Он нашел ее в кассе на станции. Женщина, глядевшая на него из маленького зарешеченного окошечка, была мало похожа на ту, что смерила его ненавидящим взглядом на пороге своего дома еще полгода назад.

— Вы меня помните? — спросил Андрей, глядя в потухшие, будто ушедшие вглубь глаза.

— Нет, — покачала она головой.

— Капитан Яковлев. Андрей. — И он протянул ей удостоверение в зазор, куда обычно передают деньги.

— Сейчас. Я выйду. — Она встала, закрыла окошко со своей стороны и через минуту появилась на улице, где ее ждал Андрей. — Давайте ко мне. Я тут недалеко живу.

— Я знаю, — тихо сказал он, но она уже повернулась к нему спиной и тяжело пошла вперед.

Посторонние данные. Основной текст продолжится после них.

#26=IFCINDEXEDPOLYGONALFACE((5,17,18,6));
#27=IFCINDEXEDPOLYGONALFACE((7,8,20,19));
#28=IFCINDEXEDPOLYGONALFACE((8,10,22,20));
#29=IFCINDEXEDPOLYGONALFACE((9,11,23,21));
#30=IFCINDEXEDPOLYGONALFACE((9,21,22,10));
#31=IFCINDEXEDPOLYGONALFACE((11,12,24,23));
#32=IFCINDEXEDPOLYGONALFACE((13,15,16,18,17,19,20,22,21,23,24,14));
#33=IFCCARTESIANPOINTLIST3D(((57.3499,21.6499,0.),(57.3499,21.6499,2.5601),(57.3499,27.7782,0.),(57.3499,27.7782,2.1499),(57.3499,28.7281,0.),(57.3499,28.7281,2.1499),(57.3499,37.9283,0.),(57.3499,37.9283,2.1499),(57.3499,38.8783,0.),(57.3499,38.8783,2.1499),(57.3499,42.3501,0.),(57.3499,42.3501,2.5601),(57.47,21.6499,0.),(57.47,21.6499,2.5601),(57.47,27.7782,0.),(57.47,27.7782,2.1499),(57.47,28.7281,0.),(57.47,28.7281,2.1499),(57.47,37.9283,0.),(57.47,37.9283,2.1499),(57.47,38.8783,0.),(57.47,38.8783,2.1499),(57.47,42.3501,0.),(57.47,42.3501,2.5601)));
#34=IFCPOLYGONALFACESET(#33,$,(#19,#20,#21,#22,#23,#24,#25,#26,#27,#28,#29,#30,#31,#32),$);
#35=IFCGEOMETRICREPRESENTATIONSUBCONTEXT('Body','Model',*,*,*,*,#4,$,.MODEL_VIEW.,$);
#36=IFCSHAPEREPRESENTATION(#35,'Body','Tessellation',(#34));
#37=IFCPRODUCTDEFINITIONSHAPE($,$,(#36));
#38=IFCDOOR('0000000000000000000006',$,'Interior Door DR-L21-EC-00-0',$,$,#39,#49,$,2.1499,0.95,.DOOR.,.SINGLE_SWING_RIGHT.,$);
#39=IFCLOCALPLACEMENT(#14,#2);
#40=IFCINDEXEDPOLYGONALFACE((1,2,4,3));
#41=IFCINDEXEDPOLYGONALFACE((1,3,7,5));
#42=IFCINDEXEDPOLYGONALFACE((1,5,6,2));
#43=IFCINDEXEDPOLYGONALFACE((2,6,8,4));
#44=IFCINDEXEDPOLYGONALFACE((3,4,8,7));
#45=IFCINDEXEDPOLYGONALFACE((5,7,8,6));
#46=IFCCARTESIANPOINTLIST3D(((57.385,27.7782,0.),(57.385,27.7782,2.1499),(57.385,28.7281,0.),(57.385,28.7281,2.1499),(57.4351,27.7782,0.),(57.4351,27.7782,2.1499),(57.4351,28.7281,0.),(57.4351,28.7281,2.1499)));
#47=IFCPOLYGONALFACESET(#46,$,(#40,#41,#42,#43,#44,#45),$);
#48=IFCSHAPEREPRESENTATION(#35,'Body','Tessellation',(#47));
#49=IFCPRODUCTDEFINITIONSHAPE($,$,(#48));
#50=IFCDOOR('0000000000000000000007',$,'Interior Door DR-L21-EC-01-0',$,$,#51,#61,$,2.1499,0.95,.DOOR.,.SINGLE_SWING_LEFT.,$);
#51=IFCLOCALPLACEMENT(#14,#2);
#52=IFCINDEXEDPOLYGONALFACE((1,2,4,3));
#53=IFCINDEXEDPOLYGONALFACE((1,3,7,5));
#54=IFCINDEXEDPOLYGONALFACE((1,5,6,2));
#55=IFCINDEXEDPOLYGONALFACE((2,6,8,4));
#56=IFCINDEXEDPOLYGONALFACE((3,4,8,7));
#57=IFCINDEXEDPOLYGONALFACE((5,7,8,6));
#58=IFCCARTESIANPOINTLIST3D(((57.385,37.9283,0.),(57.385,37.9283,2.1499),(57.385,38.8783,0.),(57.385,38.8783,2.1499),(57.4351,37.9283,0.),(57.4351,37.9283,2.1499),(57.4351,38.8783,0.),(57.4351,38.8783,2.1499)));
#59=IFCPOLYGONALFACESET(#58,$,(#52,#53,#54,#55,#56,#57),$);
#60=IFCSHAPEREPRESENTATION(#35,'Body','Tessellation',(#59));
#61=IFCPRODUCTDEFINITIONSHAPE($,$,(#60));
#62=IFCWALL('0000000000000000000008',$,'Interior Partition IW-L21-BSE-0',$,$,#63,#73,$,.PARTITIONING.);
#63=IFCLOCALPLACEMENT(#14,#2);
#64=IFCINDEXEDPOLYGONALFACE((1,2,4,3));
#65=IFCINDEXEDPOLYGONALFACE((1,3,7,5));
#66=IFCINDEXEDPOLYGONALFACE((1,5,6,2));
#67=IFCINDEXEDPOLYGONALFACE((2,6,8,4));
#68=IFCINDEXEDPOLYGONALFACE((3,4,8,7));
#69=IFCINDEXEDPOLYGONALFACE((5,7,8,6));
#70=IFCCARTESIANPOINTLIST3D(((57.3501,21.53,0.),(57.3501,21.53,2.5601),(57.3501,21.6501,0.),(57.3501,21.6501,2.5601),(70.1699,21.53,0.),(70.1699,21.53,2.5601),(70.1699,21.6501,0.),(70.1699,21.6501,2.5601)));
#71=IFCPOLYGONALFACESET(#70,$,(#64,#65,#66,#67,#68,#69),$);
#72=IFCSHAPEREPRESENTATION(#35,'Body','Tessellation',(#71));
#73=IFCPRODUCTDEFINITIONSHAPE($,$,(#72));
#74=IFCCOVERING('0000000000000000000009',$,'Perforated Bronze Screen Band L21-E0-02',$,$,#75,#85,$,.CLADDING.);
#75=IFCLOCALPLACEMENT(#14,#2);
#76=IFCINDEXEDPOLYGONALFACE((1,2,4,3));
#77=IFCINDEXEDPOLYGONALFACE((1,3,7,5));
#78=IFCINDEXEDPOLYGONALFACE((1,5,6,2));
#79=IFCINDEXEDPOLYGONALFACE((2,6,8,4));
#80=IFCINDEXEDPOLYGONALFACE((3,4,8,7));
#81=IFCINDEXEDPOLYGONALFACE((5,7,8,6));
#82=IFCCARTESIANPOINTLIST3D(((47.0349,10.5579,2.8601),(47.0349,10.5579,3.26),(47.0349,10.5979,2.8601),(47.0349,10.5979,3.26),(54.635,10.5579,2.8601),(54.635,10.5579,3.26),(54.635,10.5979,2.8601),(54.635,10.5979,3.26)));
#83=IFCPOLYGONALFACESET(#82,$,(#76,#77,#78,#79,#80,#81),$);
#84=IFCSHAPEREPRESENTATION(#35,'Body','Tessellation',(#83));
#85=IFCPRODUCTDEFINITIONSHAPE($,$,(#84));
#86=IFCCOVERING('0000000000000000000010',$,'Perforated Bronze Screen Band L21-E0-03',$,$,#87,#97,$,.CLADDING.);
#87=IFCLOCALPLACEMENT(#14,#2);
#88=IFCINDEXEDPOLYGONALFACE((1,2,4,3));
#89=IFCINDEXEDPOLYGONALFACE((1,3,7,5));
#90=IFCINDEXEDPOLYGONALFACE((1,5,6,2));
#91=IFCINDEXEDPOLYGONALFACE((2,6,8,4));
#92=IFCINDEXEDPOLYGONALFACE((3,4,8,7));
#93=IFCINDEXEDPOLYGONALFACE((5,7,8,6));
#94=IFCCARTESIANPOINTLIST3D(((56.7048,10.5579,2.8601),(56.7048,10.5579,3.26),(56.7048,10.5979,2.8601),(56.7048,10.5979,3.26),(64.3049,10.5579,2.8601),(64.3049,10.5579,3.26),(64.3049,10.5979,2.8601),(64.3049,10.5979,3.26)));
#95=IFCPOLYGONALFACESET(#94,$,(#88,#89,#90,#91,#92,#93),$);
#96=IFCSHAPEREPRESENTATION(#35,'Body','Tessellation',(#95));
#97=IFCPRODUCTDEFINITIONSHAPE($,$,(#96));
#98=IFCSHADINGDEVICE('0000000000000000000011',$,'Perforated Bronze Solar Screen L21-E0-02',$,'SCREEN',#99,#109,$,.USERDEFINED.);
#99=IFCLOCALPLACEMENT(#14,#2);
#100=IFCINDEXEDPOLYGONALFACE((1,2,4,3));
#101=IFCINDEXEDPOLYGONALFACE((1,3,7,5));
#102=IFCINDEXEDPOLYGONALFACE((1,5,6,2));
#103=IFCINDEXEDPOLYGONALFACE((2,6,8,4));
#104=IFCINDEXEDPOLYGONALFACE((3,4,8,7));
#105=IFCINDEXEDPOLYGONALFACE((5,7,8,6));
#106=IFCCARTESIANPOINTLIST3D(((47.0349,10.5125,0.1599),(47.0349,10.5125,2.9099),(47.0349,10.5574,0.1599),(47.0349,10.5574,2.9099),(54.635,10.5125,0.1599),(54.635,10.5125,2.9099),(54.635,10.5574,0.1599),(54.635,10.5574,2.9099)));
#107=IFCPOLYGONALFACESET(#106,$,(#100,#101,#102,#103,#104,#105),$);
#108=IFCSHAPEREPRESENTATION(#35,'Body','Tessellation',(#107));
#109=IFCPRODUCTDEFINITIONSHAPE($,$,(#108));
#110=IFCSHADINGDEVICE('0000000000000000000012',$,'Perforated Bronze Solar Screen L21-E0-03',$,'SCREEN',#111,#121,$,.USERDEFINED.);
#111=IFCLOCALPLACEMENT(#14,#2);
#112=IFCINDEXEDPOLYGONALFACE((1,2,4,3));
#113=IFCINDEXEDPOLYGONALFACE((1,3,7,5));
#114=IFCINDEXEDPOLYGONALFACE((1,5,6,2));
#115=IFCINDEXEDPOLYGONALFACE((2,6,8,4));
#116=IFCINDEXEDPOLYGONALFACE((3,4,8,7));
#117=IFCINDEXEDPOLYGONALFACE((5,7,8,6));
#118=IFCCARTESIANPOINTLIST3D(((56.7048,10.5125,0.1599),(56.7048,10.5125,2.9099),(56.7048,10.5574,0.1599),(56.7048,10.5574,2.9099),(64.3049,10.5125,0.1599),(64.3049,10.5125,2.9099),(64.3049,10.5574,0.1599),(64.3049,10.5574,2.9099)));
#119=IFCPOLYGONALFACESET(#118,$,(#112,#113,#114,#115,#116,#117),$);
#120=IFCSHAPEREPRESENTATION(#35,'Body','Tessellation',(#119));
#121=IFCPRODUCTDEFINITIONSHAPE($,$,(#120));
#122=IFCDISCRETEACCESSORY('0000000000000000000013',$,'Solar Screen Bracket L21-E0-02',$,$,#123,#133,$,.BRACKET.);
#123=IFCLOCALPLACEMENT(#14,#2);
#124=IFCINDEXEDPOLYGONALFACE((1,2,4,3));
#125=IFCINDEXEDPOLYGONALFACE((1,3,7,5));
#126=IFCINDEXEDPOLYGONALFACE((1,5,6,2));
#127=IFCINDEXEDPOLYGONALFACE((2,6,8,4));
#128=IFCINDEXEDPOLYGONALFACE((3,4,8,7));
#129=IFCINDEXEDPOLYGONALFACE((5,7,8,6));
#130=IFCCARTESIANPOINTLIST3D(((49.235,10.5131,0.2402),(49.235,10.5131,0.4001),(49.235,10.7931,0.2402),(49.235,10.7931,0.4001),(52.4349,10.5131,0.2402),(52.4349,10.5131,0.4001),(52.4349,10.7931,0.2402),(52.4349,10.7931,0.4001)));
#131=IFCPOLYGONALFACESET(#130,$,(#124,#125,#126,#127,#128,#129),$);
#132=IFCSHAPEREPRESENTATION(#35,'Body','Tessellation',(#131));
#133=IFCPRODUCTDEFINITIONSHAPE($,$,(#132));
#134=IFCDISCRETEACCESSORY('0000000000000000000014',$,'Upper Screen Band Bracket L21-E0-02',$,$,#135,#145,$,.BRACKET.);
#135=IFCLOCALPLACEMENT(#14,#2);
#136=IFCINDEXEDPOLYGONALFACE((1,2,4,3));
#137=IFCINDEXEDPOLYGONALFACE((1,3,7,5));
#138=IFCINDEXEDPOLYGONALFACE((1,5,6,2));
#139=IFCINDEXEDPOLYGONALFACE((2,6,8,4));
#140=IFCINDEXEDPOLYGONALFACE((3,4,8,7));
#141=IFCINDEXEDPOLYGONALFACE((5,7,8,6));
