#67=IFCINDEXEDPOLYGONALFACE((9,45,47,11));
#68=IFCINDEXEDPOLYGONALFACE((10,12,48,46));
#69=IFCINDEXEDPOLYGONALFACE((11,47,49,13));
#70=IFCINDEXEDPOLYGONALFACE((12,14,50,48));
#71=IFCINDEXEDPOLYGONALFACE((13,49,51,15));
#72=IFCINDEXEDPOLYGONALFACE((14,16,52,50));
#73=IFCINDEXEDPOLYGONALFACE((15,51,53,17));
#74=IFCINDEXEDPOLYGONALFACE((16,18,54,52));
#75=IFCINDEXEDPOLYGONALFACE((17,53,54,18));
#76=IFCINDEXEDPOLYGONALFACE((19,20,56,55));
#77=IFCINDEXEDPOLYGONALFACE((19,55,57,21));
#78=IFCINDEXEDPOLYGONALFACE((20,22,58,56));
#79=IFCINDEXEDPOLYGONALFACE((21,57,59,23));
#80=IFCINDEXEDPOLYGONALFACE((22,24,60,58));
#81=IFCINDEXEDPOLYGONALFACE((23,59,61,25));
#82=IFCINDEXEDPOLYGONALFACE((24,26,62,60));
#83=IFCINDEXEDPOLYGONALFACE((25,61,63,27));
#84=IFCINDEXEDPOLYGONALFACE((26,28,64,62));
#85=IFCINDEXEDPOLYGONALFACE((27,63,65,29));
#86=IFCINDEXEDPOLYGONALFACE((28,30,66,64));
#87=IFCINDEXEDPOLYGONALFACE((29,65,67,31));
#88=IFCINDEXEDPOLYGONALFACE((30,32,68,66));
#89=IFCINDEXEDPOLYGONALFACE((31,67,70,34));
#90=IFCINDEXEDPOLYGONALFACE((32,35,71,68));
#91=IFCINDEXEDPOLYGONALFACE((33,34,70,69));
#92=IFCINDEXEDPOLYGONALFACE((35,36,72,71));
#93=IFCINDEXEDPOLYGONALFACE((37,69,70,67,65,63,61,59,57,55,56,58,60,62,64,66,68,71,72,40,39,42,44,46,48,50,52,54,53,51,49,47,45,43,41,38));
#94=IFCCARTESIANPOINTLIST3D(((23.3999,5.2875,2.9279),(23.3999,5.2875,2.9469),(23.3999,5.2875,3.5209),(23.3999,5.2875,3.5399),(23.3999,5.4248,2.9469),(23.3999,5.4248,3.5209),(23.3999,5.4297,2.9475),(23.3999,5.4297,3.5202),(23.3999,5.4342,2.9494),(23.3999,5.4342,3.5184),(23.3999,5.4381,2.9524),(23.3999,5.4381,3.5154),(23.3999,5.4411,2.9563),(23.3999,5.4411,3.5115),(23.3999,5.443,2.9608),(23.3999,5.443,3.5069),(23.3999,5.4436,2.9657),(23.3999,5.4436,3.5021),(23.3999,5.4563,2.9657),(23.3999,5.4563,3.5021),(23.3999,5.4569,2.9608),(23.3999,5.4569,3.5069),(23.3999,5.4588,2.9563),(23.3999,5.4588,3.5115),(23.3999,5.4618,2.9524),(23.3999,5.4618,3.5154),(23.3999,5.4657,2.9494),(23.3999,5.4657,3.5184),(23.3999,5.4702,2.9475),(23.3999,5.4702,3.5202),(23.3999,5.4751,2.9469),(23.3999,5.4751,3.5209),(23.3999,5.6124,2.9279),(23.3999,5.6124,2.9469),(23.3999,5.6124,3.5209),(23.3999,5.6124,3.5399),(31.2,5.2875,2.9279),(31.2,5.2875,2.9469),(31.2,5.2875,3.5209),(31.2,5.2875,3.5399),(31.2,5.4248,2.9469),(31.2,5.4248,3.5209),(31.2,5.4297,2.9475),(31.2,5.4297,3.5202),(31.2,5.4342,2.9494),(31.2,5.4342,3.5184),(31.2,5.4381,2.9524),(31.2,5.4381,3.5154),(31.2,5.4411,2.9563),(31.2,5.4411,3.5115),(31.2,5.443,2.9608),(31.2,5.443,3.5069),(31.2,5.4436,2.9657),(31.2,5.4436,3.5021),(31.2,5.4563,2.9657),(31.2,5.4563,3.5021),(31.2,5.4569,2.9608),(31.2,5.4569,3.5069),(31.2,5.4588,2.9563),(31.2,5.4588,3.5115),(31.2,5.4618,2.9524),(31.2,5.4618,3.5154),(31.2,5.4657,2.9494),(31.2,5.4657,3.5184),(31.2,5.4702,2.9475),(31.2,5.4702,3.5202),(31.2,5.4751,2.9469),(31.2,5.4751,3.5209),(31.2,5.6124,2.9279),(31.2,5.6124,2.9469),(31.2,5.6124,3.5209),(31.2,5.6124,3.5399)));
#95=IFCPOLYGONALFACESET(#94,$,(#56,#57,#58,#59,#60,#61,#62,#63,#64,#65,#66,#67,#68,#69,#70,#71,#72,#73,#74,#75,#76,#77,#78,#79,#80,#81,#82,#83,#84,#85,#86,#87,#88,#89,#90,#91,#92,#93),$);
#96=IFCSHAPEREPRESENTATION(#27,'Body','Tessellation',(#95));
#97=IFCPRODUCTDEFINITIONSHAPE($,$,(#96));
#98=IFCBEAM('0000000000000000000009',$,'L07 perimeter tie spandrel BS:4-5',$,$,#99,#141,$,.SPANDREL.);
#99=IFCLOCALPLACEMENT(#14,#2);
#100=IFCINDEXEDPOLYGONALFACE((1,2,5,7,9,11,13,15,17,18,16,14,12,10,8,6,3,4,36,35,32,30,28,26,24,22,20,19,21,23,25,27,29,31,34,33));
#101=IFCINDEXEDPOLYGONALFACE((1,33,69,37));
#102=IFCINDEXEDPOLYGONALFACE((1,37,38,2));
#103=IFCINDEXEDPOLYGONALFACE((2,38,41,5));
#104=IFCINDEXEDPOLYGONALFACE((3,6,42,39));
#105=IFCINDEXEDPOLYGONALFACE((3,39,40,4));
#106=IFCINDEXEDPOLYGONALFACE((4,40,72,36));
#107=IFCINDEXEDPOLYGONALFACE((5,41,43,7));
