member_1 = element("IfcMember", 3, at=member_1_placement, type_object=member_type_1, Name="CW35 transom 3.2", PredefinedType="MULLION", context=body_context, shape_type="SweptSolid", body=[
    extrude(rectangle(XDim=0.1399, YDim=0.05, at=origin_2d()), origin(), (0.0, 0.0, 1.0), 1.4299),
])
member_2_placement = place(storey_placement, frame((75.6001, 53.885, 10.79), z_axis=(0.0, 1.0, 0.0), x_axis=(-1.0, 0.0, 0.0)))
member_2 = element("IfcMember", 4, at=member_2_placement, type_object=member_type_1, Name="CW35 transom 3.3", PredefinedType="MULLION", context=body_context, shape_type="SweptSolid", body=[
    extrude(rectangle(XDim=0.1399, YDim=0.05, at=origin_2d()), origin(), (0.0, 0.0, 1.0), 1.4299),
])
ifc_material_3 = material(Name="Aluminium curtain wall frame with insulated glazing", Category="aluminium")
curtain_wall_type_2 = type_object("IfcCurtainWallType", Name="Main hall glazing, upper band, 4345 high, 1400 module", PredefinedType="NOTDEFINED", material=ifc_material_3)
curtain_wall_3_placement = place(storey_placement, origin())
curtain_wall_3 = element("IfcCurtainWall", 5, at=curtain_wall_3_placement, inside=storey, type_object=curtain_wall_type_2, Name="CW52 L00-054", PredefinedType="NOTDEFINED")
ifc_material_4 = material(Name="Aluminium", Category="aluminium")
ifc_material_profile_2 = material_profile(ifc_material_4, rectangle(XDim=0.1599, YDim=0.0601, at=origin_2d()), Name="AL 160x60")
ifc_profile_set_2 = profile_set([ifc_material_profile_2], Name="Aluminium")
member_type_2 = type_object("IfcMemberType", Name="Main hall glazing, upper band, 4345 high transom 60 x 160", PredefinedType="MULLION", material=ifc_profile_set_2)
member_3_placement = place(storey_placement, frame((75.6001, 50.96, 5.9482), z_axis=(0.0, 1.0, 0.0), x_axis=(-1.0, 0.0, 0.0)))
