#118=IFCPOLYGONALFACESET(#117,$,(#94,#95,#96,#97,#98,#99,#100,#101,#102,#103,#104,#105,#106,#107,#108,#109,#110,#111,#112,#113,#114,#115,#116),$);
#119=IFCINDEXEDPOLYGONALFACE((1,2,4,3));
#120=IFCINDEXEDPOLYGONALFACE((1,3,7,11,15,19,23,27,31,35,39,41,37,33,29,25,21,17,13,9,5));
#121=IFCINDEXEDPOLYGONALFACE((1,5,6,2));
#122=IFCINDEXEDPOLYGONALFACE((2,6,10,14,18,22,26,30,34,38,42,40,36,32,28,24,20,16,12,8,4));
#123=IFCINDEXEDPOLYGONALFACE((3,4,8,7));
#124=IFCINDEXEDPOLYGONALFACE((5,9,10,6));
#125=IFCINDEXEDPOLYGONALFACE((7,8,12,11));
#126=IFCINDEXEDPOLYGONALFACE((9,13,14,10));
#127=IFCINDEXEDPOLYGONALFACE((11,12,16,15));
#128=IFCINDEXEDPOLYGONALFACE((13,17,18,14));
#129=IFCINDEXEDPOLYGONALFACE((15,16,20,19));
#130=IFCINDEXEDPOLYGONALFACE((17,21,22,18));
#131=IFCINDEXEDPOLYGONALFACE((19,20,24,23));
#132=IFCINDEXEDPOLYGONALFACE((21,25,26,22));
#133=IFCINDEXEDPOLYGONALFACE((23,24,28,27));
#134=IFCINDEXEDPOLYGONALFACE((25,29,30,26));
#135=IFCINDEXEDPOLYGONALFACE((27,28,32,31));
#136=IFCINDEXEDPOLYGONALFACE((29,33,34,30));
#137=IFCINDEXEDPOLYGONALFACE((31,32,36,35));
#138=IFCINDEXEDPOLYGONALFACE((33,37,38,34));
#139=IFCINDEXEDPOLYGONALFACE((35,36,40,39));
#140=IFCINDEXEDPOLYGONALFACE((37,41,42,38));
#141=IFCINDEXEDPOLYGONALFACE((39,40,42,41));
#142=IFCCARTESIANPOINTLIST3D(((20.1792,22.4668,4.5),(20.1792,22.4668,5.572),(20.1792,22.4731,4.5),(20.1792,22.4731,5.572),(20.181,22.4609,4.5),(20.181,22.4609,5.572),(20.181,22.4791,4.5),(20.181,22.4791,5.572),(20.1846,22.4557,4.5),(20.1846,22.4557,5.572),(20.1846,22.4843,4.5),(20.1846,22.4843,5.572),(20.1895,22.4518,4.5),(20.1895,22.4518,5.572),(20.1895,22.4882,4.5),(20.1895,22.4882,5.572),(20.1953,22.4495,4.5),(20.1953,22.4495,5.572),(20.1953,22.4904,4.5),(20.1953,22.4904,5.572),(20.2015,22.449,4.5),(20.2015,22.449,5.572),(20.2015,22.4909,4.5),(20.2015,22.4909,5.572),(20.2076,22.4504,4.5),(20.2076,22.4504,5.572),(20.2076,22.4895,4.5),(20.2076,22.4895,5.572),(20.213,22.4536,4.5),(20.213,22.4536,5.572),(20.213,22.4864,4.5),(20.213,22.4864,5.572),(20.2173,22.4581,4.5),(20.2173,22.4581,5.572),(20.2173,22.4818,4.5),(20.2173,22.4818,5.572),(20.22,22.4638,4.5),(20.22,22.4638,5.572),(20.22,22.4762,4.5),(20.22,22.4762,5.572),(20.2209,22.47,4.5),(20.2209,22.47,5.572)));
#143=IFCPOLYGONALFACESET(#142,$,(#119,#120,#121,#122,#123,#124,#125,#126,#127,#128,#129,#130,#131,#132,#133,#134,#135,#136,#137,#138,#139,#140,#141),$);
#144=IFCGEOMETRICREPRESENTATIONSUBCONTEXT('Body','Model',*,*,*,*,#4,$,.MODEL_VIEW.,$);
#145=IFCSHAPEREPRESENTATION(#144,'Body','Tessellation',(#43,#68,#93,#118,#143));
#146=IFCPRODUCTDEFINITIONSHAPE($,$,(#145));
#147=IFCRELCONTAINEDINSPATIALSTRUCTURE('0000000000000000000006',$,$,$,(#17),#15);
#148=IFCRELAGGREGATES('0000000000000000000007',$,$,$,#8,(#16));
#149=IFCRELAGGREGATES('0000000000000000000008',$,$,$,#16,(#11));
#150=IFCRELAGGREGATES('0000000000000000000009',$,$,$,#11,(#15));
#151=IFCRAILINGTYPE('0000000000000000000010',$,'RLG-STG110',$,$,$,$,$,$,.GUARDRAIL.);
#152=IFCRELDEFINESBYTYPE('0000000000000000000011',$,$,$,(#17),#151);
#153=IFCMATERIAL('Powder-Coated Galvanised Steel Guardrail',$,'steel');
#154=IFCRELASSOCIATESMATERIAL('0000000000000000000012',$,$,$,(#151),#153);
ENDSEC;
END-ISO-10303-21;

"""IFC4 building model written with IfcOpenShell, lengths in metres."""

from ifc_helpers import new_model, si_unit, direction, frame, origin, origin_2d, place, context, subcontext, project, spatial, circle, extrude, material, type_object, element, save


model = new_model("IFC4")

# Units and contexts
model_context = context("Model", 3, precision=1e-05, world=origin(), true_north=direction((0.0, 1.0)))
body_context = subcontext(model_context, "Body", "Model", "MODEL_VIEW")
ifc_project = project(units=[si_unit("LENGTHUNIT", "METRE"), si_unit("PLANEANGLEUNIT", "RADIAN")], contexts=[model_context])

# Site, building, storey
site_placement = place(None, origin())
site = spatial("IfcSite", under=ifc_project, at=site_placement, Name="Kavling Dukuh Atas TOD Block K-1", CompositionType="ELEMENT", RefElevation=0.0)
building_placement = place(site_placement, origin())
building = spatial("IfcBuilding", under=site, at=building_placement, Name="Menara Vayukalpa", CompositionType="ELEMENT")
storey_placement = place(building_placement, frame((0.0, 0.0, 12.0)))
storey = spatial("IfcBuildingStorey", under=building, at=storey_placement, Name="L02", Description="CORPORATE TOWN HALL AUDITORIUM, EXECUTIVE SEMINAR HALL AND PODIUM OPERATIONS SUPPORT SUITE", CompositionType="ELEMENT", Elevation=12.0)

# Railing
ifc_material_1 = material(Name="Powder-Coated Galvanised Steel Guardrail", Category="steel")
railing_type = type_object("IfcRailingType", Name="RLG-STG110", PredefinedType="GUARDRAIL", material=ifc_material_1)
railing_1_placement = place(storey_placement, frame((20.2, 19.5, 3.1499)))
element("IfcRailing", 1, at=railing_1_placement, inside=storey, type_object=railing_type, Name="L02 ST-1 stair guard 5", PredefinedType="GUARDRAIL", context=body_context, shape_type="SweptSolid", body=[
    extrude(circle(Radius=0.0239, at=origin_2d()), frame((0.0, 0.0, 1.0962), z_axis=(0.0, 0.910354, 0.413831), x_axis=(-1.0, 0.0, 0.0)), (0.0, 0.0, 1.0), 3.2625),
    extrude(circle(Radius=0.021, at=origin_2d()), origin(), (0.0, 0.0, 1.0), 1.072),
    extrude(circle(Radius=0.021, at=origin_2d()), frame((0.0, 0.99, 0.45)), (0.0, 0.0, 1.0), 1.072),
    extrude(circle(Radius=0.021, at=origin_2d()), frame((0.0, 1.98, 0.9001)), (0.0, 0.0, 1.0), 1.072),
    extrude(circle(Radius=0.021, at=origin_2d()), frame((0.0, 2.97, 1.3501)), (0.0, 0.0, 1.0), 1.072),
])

— У вас есть чего новое? — Она открыла дверь домика и вошла. Андрей сразу же узнал запах — так пахли полотенца, в которые Света иногда заворачивала кастрюли. И страдальчески поморщился.

— Мы узнали, — сказал он в пучок седых некрашеных волос у нее на затылке, — что Света не просто пропала. Она похищена. Серьезным преступником. Он…

Мать грузно села на кровать, застеленную коричневым «меховым» покрывалом, перебила Андрея:

— Я так и думала, что добром это не кончится, — сказала она.

— Что — «это»?

— Да жизнь ее московская. Непутевая она у меня была. Не то что гулящая, а — она снова пожевала губами и вдруг улыбнулась, обнажив металлическую коронку в углу рта, — летящая! Все в облаках летала. Я же ей и на учебу скопила, и все. Говорю — доча, чем тут валандаться, ехай в Москву. Выучись на кого хочешь, сама себе потом хозяйкой будешь. А она мне — это ж сколько времени надо тратить! Не хотела учиться, замуж рвалась. Само-то что плохого, если замуж, правда?

Андрей кивнул и почувствовал, что краснеет.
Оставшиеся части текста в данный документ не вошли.